En élargissant ses recherches, M. Viau a entre autres noté l’apparition de la première BD moderne québécoise. Il s’agit des Aventures de Timothée, qui apparaissent dans le journal La Patrie en 1904. Ces aventures sont dessinées par Albéric Bourgeois, un Québécois qui a appris le métier de dessinateur de presse à Boston avant de revenir à Montréal. Avec l’influence américaine, le dessinateur a appliqué les codes qu’on connaît de la BD moderne, comme les phylactères.

Alors que les bandes dessinées (Timothée, La Famille Citrouillard, Le père Ladébauche) connaissaient une grande popularité dans La Presse et La Patrie, pourquoi n’apparaissent-elles pas dans les autres journaux du début du XXe siècle? M. Viau a trouvé la réponse à ce sujet :

« [en] faisant la mise à jour de mon livre, en poursuivant mes recherches, bien, je suis tombé sur des articles. Il y avait vraiment une grosse campagne contre les bandes dessinées, à l’époque, et on s’attaquait à La Presse et à La Patrie, qui publiaient ça. On disait que c’était antipatriotique, parce qu’on se moquait des paysans canadiens-français […]. Donc, c’était une presse qui était, en général, très conservatrice, très catholique, et on s’opposait à cette modernité-là, quelque chose qui venait des États-Unis. C’était assez courant comme critique de la part de ces journaux-là. On s’opposait à ce qui venait des États-Unis, autant le cinéma, le jazz, la danse, et tout ça. Et les bandes dessinées. »

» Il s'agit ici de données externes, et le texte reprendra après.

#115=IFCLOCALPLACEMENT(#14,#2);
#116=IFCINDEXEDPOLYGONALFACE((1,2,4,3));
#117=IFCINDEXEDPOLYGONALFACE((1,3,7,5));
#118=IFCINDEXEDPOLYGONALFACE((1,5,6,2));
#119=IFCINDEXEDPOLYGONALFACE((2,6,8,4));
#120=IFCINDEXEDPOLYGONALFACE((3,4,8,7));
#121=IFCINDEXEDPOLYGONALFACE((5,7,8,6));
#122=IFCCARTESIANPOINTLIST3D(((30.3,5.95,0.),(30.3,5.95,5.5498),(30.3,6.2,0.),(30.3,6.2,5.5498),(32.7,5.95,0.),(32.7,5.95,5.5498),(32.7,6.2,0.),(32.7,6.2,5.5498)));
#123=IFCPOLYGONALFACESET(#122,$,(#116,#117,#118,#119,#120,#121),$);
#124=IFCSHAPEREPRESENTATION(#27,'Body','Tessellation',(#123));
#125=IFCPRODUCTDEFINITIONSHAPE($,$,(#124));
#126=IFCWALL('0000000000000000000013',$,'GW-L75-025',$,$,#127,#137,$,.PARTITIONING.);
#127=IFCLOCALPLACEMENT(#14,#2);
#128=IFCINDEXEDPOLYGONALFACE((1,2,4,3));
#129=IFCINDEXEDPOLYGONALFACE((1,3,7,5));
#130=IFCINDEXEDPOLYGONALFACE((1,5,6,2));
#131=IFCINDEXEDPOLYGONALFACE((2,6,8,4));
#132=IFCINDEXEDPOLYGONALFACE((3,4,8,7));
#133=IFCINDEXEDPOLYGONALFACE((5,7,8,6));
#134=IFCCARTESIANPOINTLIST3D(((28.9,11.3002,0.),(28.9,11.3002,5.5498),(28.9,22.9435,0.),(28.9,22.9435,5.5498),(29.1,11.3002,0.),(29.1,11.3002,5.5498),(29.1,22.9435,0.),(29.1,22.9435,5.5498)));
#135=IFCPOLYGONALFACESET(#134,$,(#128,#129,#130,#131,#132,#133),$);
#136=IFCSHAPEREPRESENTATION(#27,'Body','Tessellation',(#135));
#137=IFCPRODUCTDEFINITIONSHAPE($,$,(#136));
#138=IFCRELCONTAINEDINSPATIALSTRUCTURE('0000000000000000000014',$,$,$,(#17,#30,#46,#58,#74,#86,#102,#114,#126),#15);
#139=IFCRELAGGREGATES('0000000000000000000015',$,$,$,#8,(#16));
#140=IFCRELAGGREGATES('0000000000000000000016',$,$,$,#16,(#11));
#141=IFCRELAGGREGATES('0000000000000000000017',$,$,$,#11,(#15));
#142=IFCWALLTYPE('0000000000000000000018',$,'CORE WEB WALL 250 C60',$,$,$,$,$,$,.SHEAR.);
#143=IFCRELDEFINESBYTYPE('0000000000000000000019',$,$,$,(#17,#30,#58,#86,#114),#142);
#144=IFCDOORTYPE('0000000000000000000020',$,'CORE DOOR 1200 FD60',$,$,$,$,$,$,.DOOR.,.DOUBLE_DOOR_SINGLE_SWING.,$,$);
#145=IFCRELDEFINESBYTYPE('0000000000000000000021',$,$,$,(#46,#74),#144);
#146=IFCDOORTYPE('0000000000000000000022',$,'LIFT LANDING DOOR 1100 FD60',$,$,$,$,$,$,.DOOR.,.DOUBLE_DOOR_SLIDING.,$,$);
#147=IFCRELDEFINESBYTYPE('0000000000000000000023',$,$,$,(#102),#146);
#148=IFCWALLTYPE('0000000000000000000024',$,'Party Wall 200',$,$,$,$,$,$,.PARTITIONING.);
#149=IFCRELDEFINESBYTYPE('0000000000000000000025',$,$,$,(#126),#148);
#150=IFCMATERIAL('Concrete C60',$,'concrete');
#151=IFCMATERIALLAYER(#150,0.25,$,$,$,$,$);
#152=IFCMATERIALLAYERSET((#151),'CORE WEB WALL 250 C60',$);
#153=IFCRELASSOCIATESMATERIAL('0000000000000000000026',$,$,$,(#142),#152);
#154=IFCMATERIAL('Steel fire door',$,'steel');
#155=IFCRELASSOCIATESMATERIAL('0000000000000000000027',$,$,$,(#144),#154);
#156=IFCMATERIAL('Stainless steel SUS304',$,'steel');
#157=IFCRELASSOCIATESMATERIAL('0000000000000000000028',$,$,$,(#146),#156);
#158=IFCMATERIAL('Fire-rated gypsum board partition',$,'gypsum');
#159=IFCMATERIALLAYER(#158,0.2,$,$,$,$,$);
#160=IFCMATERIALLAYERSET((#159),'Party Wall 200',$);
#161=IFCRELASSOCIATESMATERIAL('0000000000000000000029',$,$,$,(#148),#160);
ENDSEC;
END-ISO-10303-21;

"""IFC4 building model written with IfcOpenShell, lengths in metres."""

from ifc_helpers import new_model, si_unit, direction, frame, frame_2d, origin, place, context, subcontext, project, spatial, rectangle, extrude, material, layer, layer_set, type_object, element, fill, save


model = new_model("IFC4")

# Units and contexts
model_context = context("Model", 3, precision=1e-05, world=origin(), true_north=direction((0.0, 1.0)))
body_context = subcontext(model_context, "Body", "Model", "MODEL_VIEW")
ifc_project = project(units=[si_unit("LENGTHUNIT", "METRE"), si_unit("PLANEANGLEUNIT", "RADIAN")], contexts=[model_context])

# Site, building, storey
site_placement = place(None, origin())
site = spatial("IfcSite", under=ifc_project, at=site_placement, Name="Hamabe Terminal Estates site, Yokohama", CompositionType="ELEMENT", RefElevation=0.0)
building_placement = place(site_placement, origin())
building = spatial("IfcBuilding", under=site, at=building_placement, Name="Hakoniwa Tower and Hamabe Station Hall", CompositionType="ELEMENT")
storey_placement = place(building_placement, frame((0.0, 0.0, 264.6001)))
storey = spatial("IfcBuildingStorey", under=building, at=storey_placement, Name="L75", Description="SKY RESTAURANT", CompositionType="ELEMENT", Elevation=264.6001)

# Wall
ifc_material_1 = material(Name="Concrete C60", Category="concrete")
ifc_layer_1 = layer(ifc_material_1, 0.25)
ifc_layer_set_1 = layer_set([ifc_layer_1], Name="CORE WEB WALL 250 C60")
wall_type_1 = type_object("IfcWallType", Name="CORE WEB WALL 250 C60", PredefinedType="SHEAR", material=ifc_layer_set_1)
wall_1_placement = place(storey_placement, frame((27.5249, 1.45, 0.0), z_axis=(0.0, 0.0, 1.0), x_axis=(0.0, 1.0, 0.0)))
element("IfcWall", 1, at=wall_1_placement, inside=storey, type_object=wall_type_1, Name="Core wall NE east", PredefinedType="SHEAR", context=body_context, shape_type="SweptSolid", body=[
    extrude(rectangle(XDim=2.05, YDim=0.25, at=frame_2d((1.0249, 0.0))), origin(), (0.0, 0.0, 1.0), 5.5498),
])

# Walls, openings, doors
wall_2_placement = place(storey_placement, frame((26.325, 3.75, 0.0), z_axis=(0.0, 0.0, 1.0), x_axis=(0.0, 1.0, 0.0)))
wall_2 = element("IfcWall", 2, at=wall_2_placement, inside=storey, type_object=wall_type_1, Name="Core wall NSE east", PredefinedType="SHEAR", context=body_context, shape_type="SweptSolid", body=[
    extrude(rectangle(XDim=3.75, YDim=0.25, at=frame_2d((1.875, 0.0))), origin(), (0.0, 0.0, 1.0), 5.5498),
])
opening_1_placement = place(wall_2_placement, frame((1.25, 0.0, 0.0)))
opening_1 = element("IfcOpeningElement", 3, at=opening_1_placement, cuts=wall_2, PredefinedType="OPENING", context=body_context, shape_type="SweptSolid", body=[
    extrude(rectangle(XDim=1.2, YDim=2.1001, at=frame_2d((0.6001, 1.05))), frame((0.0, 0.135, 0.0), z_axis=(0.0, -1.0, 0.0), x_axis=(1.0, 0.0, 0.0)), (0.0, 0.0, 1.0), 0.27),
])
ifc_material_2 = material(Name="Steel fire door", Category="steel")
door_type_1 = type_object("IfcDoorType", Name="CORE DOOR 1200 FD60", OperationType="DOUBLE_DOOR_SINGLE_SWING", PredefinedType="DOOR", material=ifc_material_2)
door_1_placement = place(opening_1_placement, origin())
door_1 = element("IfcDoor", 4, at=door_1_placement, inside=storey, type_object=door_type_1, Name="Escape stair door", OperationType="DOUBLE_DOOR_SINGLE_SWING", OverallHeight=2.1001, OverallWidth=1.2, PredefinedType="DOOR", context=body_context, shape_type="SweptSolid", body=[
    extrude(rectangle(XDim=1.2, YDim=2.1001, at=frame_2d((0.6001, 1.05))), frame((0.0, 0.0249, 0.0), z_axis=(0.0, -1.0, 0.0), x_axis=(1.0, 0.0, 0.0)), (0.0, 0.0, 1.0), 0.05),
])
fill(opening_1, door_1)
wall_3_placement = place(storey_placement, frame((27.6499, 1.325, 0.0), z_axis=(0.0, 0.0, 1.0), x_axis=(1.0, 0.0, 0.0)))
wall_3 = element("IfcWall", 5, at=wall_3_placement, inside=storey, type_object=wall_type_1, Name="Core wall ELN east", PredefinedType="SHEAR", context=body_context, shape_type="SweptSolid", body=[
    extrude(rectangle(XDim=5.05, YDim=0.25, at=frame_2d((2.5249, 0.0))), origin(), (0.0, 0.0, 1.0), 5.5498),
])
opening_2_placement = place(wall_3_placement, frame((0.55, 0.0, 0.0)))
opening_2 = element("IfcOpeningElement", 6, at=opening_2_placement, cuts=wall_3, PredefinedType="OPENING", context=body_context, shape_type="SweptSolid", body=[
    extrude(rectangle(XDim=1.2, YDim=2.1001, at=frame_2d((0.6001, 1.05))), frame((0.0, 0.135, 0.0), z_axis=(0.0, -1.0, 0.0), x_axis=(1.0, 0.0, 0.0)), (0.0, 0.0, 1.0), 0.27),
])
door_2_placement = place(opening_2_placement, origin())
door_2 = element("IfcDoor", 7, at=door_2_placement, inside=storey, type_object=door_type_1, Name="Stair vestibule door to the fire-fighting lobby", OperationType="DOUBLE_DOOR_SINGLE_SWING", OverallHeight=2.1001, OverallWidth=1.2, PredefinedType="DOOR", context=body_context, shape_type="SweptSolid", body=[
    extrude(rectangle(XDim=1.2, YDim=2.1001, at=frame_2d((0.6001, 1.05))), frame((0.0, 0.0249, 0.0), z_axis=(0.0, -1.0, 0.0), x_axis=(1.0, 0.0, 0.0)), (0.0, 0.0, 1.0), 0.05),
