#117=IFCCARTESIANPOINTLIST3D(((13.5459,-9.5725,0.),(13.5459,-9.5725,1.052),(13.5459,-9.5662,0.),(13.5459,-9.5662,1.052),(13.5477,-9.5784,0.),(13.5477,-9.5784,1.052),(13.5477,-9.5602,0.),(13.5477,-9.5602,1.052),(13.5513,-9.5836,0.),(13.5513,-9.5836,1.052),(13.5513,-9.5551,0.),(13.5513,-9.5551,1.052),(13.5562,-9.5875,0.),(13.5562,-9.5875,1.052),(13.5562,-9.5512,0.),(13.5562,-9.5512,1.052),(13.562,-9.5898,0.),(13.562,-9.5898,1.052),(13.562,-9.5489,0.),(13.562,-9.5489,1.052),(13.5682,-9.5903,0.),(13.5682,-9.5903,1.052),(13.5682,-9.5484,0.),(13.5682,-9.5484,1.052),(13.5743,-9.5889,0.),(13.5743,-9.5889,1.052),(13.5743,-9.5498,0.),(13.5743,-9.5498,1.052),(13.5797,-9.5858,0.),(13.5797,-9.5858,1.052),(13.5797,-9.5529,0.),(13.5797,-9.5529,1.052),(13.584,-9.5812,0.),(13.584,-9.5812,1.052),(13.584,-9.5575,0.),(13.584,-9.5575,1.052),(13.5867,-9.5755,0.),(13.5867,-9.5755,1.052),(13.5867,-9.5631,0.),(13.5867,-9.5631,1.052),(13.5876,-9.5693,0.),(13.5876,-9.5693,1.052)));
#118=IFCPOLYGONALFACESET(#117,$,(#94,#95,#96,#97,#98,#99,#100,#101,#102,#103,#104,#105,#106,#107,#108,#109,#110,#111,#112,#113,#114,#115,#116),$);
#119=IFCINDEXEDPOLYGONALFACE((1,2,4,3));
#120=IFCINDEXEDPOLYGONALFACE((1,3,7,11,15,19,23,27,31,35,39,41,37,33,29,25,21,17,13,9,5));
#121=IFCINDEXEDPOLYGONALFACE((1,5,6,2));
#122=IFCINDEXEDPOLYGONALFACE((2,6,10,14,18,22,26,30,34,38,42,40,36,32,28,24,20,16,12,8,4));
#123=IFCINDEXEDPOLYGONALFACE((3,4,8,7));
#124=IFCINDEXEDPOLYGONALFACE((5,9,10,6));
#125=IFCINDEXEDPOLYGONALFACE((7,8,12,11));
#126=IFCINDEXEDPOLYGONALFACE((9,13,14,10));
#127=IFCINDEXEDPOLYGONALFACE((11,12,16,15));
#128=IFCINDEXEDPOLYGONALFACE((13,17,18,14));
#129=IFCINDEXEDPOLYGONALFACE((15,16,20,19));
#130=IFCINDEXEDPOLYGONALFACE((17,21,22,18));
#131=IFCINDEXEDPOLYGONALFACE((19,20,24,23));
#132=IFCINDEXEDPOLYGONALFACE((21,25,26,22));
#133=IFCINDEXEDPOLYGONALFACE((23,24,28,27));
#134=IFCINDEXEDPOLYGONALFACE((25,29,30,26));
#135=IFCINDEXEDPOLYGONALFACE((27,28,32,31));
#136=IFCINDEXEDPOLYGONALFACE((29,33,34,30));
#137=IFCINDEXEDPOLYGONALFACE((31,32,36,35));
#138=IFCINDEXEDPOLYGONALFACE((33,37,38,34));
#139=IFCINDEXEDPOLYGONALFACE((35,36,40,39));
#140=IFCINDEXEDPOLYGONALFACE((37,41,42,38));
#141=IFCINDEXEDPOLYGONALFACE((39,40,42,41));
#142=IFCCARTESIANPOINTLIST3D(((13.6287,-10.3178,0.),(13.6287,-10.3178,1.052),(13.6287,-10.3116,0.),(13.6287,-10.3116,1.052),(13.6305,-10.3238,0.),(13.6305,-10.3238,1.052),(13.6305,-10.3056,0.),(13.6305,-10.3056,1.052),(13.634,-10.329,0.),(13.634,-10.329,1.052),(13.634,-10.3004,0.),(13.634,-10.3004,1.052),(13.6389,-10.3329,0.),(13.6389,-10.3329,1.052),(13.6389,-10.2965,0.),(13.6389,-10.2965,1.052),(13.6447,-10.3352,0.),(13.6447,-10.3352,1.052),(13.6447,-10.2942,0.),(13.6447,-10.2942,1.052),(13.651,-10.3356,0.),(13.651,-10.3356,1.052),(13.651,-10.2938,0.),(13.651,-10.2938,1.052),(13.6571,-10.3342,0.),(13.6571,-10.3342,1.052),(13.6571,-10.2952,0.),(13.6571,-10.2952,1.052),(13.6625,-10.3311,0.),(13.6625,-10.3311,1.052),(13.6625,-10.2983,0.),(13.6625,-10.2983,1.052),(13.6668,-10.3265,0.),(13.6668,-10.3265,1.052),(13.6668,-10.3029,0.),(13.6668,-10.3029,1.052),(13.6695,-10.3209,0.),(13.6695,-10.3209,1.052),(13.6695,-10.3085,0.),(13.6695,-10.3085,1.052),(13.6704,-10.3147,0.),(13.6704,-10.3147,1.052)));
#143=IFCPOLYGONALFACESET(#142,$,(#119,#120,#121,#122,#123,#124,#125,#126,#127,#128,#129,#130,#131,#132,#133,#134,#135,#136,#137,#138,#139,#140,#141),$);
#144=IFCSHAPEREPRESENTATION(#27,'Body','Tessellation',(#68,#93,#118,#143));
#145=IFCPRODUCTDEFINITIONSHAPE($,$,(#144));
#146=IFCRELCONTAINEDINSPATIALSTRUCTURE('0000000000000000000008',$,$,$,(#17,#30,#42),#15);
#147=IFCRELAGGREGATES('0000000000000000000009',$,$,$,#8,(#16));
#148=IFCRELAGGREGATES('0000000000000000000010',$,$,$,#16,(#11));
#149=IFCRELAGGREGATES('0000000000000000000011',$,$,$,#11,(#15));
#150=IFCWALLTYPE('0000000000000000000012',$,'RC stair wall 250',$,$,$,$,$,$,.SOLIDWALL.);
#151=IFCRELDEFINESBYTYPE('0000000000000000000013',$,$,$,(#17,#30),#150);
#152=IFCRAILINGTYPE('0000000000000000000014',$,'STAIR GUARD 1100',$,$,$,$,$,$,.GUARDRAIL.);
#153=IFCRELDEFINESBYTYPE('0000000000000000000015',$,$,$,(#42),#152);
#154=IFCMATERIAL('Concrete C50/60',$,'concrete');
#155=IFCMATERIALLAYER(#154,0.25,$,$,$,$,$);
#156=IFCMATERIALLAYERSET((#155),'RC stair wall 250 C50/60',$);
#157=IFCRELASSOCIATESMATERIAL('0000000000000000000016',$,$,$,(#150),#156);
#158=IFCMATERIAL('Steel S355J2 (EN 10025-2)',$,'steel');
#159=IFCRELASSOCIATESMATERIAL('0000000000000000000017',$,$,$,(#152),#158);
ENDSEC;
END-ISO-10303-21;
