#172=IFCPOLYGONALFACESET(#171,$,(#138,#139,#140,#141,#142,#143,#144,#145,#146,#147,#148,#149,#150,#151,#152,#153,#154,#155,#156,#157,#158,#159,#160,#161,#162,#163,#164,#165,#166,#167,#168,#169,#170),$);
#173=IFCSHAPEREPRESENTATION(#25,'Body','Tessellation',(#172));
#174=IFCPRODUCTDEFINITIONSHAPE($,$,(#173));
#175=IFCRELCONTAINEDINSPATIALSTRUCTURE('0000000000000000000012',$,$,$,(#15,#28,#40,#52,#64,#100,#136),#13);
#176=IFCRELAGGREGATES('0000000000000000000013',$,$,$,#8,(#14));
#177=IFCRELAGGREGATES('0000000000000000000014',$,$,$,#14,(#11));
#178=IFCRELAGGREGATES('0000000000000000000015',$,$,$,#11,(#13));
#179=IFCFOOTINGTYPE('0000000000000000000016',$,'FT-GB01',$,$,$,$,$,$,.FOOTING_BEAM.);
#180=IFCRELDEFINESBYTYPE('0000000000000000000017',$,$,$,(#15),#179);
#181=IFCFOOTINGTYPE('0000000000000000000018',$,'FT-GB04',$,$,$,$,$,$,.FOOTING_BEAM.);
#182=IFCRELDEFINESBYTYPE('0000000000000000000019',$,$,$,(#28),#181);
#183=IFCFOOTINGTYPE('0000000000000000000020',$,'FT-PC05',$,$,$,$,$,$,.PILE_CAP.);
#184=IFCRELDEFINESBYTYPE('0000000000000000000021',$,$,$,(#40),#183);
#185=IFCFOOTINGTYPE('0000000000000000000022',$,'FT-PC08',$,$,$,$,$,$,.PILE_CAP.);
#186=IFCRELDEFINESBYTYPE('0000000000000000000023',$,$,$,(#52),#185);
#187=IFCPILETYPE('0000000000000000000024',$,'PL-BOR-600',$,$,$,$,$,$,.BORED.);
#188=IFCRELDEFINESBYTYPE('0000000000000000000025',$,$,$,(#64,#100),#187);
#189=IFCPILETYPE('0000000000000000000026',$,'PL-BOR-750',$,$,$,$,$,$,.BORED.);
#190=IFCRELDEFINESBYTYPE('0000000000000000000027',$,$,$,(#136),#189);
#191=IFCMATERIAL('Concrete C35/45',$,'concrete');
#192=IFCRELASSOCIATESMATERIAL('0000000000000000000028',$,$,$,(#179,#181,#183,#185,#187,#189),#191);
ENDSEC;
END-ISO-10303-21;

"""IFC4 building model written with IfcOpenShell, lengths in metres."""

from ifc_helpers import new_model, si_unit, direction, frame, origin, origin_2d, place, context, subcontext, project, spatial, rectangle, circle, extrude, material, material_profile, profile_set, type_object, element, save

Il faudrait attendre jusqu’aux années 60, avec l’arrivée d’Astérix au Québec, pour que la bande dessinée puisse connaître un véritable engouement, autant chez les jeunes que chez les adultes.

« Astérix a donc eu un gros succès au Québec. A aussi légitimisé, d’une certaine façon, la bande dessinée, qui a été longtemps décriée par des instances religieuses et éducatives […]. Jusque vers la fin des années 50, il y avait des campagnes contre les bandes dessinées, comme quoi c’était mauvais pour la moralité et tout ça. Et c’est Astérix qui a légitimisé la chose et qui a fait que les adultes se sont mis à lire de la bande dessinée. »

Pour rédiger autant sur l’histoire de la BD québécoise, M. Viau devait entre autres effectuer de longues recherches à la Bibliothèque et Archives nationales du Québec (BAnQ). Aujourd’hui, il peut profiter des numérisations de journaux offerts par l’organisme et il peut aussi compter sur l’aide de passionnés de la bande dessinée, dont André Fournier, qui est derrière le groupe Facebook Les Amis de la BD de journal du Québec.

Si tout se déroule bien, le tome 3 de BDQ (qui couvrira la période 1979-1999) devra sortir à l’automne 2022. En attendant, nous ne pouvons que nous impatienter pour la sortie du tome 2, qui s’attardera sur une décennie riche en créativité : les années 1970.